Wie bitte, Sie kennen Mason Bates (noch) nicht? Dabei ist er einer der bekanntesten Musiker in Nordamerika. Der 1977 geborene Bates ist Komponist – er schreibt vor allem Sinfonien und Opern – und DJ für elektronische Musik (unter dem Pseudonym DJ Masonic): zwei anscheinend völlig entgegengesetzte Pole, die er aber mit großem Vergnügen verbindet. Sein sinfonisches und lyrisches Werk beinhaltet ungefähr zur Hälfte in verschiedenster Form elektronische Klänge. Die meisten sind „Alltagsklänge“, die vorweg aufgezeichnet und in Echtzeit wiedergegeben werden. Anlässlich der Erscheinung seiner genialen Oper "The (R)evolution of Steve Jobs" hat sich Qobuz mit diesem außergewöhnlichen Künstler unterhalten.

Die Avantgarde der 1960er bis 80er Jahre, vertreten durch Boulez, Stockhausen oder Cage, hat zwar versucht, rein serielle Kompositionstechniken in der zeitgenössischen Musik durchzusetzen. Wie es aussieht haben Sie lieber ihre eigene Modernität entwickelt. Wurden Sie durch die serielle Musik beeinflusst?

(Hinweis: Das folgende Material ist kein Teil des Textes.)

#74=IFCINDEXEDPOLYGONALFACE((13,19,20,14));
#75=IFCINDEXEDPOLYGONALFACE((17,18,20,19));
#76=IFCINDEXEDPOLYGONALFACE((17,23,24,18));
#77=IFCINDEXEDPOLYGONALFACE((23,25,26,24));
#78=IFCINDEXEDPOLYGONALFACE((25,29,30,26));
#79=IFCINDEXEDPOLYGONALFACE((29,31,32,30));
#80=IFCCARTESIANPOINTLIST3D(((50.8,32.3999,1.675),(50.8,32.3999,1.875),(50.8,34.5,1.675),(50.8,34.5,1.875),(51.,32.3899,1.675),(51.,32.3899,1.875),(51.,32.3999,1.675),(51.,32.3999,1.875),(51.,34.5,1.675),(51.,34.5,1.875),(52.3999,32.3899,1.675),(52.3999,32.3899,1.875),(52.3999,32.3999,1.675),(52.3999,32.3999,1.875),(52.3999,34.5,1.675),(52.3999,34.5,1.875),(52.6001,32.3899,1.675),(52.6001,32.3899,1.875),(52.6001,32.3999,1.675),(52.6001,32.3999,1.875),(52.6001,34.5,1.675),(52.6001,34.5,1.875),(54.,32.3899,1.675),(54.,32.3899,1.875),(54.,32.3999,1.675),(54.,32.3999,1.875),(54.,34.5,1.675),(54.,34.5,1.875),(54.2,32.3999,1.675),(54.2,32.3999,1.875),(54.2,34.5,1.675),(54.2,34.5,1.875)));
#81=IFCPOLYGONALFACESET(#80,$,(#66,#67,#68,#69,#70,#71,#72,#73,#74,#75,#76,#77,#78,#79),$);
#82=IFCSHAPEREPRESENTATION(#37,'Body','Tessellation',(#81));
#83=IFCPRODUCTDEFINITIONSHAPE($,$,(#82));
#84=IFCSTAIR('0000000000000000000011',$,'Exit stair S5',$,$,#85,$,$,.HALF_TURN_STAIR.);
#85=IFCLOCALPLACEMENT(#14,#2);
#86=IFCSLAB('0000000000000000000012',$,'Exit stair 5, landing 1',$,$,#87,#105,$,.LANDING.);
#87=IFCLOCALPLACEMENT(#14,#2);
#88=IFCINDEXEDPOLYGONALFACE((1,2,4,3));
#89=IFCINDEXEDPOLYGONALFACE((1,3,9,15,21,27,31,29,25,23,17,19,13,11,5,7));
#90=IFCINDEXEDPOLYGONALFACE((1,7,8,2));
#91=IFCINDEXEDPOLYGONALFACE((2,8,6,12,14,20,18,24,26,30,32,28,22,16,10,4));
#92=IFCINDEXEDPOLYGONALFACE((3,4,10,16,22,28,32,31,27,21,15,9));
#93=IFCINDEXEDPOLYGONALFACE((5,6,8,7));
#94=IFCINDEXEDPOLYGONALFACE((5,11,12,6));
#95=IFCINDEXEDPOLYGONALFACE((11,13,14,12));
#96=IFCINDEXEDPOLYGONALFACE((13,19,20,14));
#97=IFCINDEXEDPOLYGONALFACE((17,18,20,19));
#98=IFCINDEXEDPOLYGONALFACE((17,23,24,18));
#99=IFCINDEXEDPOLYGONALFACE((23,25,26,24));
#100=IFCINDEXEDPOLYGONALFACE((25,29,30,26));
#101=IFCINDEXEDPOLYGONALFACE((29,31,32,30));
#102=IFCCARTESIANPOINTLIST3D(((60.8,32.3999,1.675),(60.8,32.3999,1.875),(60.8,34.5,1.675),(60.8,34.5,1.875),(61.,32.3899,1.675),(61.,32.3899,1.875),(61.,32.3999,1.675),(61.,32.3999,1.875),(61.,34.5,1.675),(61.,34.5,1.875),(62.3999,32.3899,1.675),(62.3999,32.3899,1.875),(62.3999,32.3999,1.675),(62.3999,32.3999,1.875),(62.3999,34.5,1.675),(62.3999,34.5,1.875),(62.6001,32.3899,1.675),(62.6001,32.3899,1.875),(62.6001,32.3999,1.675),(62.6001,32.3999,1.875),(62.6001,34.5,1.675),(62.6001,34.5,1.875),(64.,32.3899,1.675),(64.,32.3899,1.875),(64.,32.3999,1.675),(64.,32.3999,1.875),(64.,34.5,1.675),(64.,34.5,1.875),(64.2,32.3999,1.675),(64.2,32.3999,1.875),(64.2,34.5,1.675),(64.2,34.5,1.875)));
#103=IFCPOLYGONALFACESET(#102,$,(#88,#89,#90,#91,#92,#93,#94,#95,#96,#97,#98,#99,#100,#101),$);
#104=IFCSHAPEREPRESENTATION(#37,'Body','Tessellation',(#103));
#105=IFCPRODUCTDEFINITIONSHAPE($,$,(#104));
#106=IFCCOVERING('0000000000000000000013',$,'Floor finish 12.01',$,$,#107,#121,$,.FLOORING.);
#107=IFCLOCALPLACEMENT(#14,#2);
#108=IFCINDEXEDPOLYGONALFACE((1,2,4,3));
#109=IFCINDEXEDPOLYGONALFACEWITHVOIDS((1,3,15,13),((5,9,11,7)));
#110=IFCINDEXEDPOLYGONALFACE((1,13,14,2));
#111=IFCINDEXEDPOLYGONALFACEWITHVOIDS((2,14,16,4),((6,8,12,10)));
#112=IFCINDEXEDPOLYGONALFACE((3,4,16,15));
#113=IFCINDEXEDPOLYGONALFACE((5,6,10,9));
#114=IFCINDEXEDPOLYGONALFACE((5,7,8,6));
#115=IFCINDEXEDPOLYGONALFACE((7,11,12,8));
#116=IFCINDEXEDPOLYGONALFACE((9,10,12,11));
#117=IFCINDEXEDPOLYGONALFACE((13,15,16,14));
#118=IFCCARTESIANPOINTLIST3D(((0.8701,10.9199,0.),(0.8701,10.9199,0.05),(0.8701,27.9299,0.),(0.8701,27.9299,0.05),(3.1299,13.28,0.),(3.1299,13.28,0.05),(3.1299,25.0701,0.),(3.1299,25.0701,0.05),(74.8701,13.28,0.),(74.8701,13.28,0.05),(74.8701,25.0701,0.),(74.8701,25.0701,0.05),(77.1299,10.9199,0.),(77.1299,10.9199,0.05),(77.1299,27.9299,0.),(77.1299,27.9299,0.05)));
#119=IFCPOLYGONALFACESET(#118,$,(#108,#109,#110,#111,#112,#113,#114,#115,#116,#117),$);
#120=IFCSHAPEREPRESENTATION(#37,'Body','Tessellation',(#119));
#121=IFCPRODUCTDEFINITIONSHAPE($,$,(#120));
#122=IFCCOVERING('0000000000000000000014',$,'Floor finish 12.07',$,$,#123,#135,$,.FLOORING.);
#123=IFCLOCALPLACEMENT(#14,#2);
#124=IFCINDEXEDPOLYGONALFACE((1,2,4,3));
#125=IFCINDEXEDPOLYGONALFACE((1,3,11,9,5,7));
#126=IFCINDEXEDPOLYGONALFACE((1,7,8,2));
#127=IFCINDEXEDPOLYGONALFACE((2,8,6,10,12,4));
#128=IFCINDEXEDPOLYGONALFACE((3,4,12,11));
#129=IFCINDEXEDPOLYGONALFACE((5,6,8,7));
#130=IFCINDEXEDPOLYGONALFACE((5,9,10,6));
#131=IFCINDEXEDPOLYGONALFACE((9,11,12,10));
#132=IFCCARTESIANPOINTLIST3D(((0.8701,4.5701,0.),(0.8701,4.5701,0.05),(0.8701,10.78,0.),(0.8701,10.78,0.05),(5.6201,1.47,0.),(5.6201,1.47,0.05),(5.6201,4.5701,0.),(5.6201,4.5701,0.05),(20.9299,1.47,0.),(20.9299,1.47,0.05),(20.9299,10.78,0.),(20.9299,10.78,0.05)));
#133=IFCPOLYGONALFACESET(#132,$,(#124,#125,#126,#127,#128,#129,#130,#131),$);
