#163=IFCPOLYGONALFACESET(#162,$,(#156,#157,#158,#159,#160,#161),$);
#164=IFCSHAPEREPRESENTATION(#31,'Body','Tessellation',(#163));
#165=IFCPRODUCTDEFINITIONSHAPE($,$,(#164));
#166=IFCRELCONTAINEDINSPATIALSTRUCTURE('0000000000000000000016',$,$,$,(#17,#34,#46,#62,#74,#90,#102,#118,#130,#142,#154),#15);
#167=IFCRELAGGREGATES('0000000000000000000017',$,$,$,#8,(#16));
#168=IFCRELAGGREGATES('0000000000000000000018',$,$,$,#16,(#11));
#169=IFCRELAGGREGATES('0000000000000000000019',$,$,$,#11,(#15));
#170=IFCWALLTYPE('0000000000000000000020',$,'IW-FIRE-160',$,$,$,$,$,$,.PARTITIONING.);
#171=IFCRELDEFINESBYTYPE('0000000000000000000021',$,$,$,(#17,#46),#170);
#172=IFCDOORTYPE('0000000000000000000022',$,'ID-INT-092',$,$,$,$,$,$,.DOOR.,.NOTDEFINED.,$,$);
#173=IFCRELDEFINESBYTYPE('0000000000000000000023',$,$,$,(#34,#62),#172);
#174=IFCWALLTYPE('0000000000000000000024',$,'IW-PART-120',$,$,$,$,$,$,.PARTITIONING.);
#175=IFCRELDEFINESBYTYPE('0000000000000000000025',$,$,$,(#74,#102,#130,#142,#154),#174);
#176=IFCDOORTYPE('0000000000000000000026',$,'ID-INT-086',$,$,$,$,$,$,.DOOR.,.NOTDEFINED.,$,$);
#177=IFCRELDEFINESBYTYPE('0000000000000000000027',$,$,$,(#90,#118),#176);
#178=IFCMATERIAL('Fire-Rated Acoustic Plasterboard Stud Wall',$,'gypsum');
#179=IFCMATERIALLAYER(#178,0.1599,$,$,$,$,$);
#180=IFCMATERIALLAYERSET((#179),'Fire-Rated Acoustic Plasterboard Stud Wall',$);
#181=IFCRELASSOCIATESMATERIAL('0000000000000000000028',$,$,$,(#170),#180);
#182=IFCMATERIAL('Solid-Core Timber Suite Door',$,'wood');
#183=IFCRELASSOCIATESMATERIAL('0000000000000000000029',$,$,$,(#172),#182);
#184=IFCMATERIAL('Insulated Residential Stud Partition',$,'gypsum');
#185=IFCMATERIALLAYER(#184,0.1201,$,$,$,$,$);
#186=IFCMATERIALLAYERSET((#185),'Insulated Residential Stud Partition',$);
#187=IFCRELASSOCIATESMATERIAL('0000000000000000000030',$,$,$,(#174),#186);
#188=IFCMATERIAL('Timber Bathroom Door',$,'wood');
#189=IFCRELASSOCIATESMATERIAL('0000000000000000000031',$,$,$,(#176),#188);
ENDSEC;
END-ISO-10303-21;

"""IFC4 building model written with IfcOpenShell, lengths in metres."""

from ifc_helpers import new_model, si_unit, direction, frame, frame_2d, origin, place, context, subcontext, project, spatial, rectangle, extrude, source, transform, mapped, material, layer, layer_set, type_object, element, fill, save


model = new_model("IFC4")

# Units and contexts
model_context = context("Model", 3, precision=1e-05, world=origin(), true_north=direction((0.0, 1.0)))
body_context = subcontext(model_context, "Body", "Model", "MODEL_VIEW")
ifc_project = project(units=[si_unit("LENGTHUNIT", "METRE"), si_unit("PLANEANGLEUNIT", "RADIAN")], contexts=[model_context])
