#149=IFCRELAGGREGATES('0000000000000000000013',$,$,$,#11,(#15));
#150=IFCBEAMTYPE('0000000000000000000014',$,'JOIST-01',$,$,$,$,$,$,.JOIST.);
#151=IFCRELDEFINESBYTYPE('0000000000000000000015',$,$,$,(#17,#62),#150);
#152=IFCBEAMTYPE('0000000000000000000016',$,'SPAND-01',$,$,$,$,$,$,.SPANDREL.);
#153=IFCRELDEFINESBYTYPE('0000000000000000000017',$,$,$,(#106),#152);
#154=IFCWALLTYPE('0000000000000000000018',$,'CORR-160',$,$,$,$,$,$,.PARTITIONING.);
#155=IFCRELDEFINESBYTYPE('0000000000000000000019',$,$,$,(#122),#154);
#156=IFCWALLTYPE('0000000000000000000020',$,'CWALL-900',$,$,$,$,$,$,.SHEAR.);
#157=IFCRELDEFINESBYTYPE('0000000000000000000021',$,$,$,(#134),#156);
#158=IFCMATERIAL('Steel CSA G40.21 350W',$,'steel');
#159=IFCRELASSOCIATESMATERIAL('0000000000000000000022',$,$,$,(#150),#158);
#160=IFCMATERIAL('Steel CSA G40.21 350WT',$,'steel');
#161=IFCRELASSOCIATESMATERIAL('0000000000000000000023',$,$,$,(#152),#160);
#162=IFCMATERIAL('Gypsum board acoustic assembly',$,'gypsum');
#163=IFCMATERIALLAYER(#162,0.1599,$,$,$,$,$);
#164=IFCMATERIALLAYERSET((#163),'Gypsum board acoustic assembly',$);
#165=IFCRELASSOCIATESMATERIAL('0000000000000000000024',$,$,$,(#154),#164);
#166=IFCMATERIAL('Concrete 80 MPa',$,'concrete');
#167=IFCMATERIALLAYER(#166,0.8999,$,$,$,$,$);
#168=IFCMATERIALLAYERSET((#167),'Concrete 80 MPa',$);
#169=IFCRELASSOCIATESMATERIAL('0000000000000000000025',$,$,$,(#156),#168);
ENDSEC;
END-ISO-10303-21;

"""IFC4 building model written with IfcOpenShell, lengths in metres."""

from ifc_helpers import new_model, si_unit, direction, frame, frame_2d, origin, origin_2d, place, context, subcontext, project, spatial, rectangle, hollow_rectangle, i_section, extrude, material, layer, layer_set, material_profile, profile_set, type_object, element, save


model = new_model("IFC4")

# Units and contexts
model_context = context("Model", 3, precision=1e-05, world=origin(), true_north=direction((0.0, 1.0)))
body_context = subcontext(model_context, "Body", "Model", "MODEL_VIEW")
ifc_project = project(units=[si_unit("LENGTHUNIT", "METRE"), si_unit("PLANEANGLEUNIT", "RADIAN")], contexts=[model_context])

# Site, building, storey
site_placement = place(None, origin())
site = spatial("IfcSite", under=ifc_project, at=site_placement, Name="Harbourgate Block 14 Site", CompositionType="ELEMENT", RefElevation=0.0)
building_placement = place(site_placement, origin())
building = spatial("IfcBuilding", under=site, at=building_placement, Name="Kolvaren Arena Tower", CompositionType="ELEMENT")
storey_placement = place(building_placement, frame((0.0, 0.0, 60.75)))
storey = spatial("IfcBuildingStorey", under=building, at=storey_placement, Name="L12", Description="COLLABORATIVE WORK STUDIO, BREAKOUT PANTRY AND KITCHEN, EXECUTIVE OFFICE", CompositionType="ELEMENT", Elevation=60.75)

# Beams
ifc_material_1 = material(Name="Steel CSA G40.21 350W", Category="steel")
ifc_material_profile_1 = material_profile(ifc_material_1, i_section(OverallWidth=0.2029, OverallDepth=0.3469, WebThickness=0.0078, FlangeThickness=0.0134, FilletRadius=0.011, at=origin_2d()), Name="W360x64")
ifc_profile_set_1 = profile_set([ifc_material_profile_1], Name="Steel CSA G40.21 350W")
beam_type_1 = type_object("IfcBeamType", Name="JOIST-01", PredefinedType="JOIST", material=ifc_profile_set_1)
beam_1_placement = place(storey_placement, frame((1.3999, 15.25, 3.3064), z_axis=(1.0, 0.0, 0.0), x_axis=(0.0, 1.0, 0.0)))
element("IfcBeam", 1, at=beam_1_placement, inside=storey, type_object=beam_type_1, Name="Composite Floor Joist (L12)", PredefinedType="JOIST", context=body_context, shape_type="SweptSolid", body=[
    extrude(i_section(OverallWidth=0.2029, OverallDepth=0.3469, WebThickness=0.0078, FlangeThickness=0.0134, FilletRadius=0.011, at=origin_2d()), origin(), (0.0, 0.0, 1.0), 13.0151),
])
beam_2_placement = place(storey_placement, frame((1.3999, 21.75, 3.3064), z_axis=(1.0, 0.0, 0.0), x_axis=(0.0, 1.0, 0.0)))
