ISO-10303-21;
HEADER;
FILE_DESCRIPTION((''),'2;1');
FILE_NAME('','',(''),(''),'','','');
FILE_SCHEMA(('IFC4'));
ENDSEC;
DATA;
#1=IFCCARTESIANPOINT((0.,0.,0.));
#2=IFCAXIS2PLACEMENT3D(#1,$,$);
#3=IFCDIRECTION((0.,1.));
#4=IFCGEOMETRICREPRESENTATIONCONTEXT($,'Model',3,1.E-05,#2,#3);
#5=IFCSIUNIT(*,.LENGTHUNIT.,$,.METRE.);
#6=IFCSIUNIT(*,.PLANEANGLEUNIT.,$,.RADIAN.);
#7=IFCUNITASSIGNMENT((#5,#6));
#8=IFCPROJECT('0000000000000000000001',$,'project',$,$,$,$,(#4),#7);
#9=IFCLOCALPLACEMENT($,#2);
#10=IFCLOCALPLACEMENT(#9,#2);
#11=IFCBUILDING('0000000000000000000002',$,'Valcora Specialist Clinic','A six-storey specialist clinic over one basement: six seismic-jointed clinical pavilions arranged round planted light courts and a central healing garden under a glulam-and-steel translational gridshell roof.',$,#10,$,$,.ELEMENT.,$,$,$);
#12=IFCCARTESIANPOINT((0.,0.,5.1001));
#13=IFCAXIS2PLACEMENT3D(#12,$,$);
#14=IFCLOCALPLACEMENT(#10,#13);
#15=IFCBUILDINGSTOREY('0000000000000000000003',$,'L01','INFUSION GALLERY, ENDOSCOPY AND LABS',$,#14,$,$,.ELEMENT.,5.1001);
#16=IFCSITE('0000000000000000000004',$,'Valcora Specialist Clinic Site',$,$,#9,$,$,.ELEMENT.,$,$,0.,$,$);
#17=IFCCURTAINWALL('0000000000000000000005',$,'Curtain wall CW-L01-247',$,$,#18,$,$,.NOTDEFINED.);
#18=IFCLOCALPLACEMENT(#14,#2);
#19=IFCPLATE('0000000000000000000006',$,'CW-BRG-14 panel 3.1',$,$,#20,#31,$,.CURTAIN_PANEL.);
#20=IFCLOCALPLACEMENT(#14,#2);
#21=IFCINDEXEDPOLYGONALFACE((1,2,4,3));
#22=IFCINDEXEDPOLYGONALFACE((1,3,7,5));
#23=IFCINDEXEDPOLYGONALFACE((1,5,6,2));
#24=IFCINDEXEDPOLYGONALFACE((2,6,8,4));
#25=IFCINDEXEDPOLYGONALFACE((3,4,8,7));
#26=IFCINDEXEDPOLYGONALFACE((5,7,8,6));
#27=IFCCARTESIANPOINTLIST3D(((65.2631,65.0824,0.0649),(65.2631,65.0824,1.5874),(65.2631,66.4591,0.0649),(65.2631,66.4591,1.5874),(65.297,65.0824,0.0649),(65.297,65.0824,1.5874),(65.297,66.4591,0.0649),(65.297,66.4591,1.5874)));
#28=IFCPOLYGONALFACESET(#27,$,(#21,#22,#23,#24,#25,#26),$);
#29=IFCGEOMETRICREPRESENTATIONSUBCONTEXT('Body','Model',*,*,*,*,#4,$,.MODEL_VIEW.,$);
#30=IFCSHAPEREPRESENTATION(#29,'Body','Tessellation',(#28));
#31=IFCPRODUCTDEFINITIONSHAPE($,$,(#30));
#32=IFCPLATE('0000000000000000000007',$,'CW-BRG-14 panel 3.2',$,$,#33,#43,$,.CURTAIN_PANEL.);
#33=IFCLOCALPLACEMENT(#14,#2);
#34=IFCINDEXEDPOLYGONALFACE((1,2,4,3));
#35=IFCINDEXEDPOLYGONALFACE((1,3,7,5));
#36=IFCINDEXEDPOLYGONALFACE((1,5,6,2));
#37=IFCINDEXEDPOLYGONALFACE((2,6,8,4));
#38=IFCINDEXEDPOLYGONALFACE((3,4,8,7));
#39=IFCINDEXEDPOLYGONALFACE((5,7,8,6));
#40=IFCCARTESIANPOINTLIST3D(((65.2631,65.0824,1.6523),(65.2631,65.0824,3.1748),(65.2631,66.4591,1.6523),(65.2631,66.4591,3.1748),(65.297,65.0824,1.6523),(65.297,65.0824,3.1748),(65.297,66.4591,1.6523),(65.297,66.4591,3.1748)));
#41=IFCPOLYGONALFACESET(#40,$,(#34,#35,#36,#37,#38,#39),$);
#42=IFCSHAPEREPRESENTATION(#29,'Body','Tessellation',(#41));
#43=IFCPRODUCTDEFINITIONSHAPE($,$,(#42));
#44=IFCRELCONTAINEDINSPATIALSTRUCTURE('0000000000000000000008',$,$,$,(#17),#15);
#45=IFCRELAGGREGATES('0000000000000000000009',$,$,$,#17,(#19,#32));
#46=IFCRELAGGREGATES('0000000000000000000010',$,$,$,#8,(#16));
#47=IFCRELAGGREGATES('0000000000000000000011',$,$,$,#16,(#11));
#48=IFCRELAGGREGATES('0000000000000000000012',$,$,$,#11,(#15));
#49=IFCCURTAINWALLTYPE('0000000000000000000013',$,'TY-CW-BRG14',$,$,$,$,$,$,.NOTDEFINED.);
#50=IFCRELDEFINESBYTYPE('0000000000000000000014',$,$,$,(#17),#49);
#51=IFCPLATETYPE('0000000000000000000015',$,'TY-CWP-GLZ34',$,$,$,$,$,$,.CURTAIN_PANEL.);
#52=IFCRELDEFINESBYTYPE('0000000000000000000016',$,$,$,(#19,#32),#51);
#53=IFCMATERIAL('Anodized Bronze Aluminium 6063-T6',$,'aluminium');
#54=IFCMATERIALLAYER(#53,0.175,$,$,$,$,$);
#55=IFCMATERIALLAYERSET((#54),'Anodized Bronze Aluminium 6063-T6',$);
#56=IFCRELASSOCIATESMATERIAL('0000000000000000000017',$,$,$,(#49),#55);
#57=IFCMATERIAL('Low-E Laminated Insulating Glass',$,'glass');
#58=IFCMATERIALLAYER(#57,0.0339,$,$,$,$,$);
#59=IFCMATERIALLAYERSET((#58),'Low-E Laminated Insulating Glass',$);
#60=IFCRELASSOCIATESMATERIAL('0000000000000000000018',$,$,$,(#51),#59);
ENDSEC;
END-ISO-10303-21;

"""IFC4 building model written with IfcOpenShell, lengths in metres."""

from ifc_helpers import new_model, si_unit, direction, frame, origin, origin_2d, place, context, subcontext, project, spatial, rectangle, extrude, material, layer, layer_set, type_object, element, aggregate, save


model = new_model("IFC4")

# Units and contexts
model_context = context("Model", 3, precision=1e-05, world=origin(), true_north=direction((0.0, 1.0)))
body_context = subcontext(model_context, "Body", "Model", "MODEL_VIEW")
ifc_project = project(units=[si_unit("LENGTHUNIT", "METRE"), si_unit("PLANEANGLEUNIT", "RADIAN")], contexts=[model_context])

# Site, building, storey
site_placement = place(None, origin())
site = spatial("IfcSite", under=ifc_project, at=site_placement, Name="Valcora Specialist Clinic Site", CompositionType="ELEMENT", RefElevation=0.0)
building_placement = place(site_placement, origin())
building = spatial("IfcBuilding", under=site, at=building_placement, Name="Valcora Specialist Clinic", Description="A six-storey specialist clinic over one basement: six seismic-jointed clinical pavilions arranged round planted light courts and a central healing garden under a glulam-and-steel translational gridshell roof.", CompositionType="ELEMENT")
storey_placement = place(building_placement, frame((0.0, 0.0, 5.1001)))
storey = spatial("IfcBuildingStorey", under=building, at=storey_placement, Name="L01", Description="INFUSION GALLERY, ENDOSCOPY AND LABS", CompositionType="ELEMENT", Elevation=5.1001)

# Curtain wall
ifc_material_1 = material(Name="Anodized Bronze Aluminium 6063-T6", Category="aluminium")
ifc_layer_1 = layer(ifc_material_1, 0.175)
ifc_layer_set_1 = layer_set([ifc_layer_1], Name="Anodized Bronze Aluminium 6063-T6")
curtain_wall_type = type_object("IfcCurtainWallType", Name="TY-CW-BRG14", PredefinedType="NOTDEFINED", material=ifc_layer_set_1)
curtain_wall_1_placement = place(storey_placement, origin())
curtain_wall_1 = element("IfcCurtainWall", 1, at=curtain_wall_1_placement, inside=storey, type_object=curtain_wall_type, Name="Curtain wall CW-L01-247", PredefinedType="NOTDEFINED")

# Plates
ifc_material_2 = material(Name="Low-E Laminated Insulating Glass", Category="glass")
ifc_layer_2 = layer(ifc_material_2, 0.0339)
ifc_layer_set_2 = layer_set([ifc_layer_2], Name="Low-E Laminated Insulating Glass")
plate_type_1 = type_object("IfcPlateType", Name="TY-CWP-GLZ34", PredefinedType="CURTAIN_PANEL", material=ifc_layer_set_2)
plate_1_placement = place(storey_placement, frame((65.28, 65.7708, 0.0649), z_axis=(0.0, 0.0, 1.0), x_axis=(0.0, 1.0, 0.0)))
plate_1 = element("IfcPlate", 2, at=plate_1_placement, type_object=plate_type_1, Name="CW-BRG-14 panel 3.1", PredefinedType="CURTAIN_PANEL", context=body_context, shape_type="SweptSolid", body=[
    extrude(rectangle(XDim=1.3767, YDim=0.0339, at=origin_2d()), origin(), (0.0, 0.0, 1.0), 1.5225),
])
plate_2_placement = place(storey_placement, frame((65.28, 65.7708, 1.6523), z_axis=(0.0, 0.0, 1.0), x_axis=(0.0, 1.0, 0.0)))
plate_2 = element("IfcPlate", 3, at=plate_2_placement, type_object=plate_type_1, Name="CW-BRG-14 panel 3.2", PredefinedType="CURTAIN_PANEL", context=body_context, shape_type="SweptSolid", body=[
    extrude(rectangle(XDim=1.3767, YDim=0.0339, at=origin_2d()), origin(), (0.0, 0.0, 1.0), 1.5225),
])
aggregate(curtain_wall_1, [plate_1, plate_2])

save(model, "model.ifc")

Natürlich habe ich mich durch die ersten Serialisten beeinflussen lassen – mein Stück The B-Sides zum Beispiel heißt auch Five Pieces for Orchestra & Electronica nach dem ikonischen Werk des jungen Schönberg. Seine Experimente, wie auch die seiner Schüler Berg und Webern, haben mir geholfen, die darin enthaltene Kraft zu entdecken. Die Serialisten der folgenden Generation halten jedoch auf völlig dogmatische Weise an der Theorie fest, sodass ihre Werke in meinen Augen alle ähnlich sind.

Den meisten Ihrer Werke scheint ein Programm mit einem sehr präzisem Inhalt zugrunde zu liegen, der für sich gesehen nichts mit Musik zu tun hat. In Mothership ist das Orchester ein Admiralschiff, das von anderen Schiffen besucht wird. Desert Transport spielt auf die Rotorblätter von Hubschraubern und auf aride Landschaften an. Die gesamte Anthology of Fantastic Zoology bezieht sich auf imaginäre Tiere… Dieses Prinzip existiert schon lange, aber oft wirken dabei die Inhalte eher suggestiv anstatt wirklich eine spezielle Schreibweise zu begründen. Können Sie sich vorstellen, dass Ihre Werke ohne jede Erklärung vorgestellt werden?

Im Großen und Ganzen hat sich, je mehr Komponisten alle möglichen Arten abstrakter Kompositionsverfahren erkundet haben (serielle Musik, Minimal Music, Spektralmusik) im Laufe des 20. Jahrhunderts die Erzählung von der Musik abgetrennt. Ich finde es sehr inspirierend, das Modell Programmmusik aus dem 19. Jahrhundert mit den Klängen des 21. Jahrhunderts zu füllen. Erzählungen bringen bestimmte Komponisten dazu, neue Formen und Klänge zu erfinden – Berlioz, zum Beispiel. Im besten Fall kann aus diesem Prinzip hinreißende Orchestermusik entstehen. Aber diese Musik muss natürlich auch allein funktionieren, sei es auf einer Spotify-Liste oder auf einem iPod. Es kommt allerdings selten vor, dass diese Musik im leeren Raum existiert: Meistens kennt der Hörer wenigstens den Titel. Dadurch ergibt sich die Möglichkeit, eine zusätzliche Schicht an Sinngehalt hinzuzufügen.

In Ihrer Oper The (R)evolution of Steve Jobs bilden elektronische Klänge Grundlage und Essenz der orchestralen und dramatischen Struktur. In anderen Werken scheint die Verwendung der Elektronik mehr Ergebnis Ihrer Fantasie als Notwendigkeit zu sein. Haben Sie einmal versucht, das Sinfonieorchester so zu einzusetzen, dass es Klänge erzeugt, die an elektronische Klänge erinnern, aber in Wahrheit rein akustische Klänge sind?

Sicher! Hören Sie einmal Sea-Blue Circuitry oder Anthology of Fantastic Zoology an. Nur etwa die Hälfte meiner Werke greift auf Elektronik zurück. Ich sehe aber in diesen elektronischen Klängen eine neue Abteilung im Orchester, die leicht zu nutzen ist.